ADMM without a Fixed Penalty Parameter: Faster Convergence with New Adaptive Penalization

Part of Advances in Neural Information Processing Systems 30 (NIPS 2017)

Bibtex Metadata Paper Reviews Supplemental

Authors

Yi Xu, Mingrui Liu, Qihang Lin, Tianbao Yang

Abstract

Alternating direction method of multipliers (ADMM) has received tremendous interest for solving numerous problems in machine learning, statistics and signal processing. However, it is known that the performance of ADMM and many of its variants is very sensitive to the penalty parameter of a quadratic penalty applied to the equality constraints. Although several approaches have been proposed for dynamically changing this parameter during the course of optimization, they do not yield theoretical improvement in the convergence rate and are not directly applicable to stochastic ADMM. In this paper, we develop a new ADMM and its linearized variant with a new adaptive scheme to update the penalty parameter.
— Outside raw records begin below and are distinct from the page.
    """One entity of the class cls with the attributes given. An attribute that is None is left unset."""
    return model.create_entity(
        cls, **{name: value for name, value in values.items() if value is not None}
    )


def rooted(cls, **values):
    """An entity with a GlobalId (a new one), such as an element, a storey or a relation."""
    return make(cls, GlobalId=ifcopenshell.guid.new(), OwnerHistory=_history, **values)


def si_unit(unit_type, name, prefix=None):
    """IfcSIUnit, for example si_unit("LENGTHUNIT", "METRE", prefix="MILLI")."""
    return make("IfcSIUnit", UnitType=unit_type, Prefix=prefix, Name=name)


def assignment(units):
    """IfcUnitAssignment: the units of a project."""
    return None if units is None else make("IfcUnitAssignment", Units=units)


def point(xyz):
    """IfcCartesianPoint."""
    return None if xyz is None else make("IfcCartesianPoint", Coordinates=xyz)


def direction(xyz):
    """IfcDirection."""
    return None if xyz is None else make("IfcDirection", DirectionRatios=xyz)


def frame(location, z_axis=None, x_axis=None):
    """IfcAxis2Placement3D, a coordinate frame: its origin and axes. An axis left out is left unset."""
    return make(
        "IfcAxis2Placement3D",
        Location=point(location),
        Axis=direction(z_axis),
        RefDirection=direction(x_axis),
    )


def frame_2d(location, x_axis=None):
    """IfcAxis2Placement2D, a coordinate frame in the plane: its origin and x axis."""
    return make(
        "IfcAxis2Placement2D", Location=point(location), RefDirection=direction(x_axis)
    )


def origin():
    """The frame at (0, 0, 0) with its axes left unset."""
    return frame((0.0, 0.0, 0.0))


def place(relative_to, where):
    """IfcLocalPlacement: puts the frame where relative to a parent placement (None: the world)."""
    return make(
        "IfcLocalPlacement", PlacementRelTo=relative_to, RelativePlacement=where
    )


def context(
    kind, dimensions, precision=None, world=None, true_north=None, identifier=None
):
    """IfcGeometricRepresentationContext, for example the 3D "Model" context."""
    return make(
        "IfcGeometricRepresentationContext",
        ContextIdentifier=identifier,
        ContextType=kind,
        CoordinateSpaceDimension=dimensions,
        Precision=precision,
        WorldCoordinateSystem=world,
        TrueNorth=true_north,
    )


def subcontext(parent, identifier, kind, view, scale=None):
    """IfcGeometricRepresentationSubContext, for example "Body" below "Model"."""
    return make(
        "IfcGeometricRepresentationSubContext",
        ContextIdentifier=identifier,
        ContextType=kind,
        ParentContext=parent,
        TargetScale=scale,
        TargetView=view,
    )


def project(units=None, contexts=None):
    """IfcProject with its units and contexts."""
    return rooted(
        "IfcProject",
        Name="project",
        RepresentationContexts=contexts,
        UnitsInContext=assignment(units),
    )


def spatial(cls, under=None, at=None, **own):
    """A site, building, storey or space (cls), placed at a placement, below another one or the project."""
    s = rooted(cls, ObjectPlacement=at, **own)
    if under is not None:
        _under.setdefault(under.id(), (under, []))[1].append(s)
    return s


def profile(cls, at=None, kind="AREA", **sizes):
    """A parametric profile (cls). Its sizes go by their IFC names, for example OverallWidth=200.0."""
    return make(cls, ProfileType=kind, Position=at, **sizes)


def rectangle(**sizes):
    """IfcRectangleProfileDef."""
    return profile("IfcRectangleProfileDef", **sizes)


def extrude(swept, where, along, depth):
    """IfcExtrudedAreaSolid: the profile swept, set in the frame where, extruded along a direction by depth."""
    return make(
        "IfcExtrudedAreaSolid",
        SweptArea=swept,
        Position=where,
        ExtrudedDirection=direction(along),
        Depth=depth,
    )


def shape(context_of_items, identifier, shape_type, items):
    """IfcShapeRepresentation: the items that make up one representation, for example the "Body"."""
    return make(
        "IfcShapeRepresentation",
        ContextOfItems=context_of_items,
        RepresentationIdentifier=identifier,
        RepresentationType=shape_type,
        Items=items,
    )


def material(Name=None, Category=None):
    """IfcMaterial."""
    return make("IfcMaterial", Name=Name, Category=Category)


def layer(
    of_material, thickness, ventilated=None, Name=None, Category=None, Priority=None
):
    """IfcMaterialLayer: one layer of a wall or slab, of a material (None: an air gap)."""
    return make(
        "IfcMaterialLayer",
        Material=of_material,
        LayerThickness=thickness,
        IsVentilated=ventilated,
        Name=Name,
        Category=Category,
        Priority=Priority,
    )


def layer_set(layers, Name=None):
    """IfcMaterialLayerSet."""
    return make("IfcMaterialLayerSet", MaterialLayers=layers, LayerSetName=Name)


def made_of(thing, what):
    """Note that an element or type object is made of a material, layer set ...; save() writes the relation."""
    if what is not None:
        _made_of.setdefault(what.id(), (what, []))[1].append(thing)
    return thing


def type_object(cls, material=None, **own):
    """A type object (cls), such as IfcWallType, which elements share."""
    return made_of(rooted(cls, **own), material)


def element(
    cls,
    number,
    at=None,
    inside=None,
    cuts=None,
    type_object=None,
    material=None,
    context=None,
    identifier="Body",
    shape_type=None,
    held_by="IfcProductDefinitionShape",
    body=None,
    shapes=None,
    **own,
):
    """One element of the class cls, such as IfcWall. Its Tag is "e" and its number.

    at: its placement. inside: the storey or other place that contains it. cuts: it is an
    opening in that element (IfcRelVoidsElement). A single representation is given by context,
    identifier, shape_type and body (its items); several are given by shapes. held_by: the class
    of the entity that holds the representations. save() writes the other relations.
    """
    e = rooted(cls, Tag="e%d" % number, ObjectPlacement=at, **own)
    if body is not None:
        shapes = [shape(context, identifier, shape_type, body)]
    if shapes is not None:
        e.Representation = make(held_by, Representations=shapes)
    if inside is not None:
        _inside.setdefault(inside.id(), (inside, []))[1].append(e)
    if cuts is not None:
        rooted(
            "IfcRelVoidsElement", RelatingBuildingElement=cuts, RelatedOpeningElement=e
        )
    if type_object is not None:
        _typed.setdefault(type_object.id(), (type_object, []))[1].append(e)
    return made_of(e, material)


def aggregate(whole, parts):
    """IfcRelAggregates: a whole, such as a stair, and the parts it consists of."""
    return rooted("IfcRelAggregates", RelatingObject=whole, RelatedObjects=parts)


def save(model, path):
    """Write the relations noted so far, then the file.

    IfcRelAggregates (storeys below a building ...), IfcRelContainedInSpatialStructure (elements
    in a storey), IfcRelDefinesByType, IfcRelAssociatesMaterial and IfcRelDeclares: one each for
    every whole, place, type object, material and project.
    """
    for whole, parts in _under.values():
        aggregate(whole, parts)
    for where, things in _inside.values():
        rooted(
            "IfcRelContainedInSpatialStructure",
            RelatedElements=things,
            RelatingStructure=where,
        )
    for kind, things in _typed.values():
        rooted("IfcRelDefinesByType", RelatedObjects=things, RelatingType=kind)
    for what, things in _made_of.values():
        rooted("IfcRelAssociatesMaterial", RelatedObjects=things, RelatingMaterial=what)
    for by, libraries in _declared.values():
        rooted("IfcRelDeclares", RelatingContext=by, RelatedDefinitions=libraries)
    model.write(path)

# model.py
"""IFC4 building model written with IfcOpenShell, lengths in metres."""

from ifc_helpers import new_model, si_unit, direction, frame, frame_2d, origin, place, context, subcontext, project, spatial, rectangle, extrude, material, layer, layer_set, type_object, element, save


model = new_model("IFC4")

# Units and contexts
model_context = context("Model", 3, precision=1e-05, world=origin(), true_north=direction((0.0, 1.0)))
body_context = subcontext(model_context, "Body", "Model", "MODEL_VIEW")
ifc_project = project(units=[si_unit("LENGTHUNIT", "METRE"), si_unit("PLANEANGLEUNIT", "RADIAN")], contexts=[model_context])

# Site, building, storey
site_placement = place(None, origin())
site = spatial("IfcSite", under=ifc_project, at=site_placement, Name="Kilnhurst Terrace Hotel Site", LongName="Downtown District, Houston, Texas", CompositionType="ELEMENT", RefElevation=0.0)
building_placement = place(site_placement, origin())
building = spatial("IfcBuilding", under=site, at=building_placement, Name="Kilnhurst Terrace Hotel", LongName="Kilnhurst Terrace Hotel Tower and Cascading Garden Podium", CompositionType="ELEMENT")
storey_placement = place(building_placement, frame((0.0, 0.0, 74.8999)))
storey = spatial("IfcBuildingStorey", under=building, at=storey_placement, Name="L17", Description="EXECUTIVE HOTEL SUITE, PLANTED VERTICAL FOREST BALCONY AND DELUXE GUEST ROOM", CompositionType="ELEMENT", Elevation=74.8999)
Our methods can be applied under both deterministic and stochastic optimization settings for structured non-smooth objective function. The novelty of the proposed scheme lies at that it is adaptive to a local sharpness property of the objective function, which marks the key difference from previous adaptive scheme that adjusts the penalty parameter per-iteration based on certain conditions on iterates. On theoretical side, given the local sharpness characterized by an exponent $\theta\in(0, 1]$, we show that the proposed ADMM enjoys an improved iteration complexity of $\widetilde O(1/\epsilon^{1-\theta})$\footnote{$\widetilde O()$ suppresses a logarithmic factor.} in the deterministic setting and an iteration complexity of $\widetilde O(1/\epsilon^{2(1-\theta)})$ in the stochastic setting without smoothness and strong convexity assumptions. The complexity in either setting improves that of the standard ADMM which only uses a fixed penalty parameter. On the practical side, we demonstrate that the proposed algorithms converge comparably to, if not much faster than, ADMM with a fine-tuned fixed penalty parameter.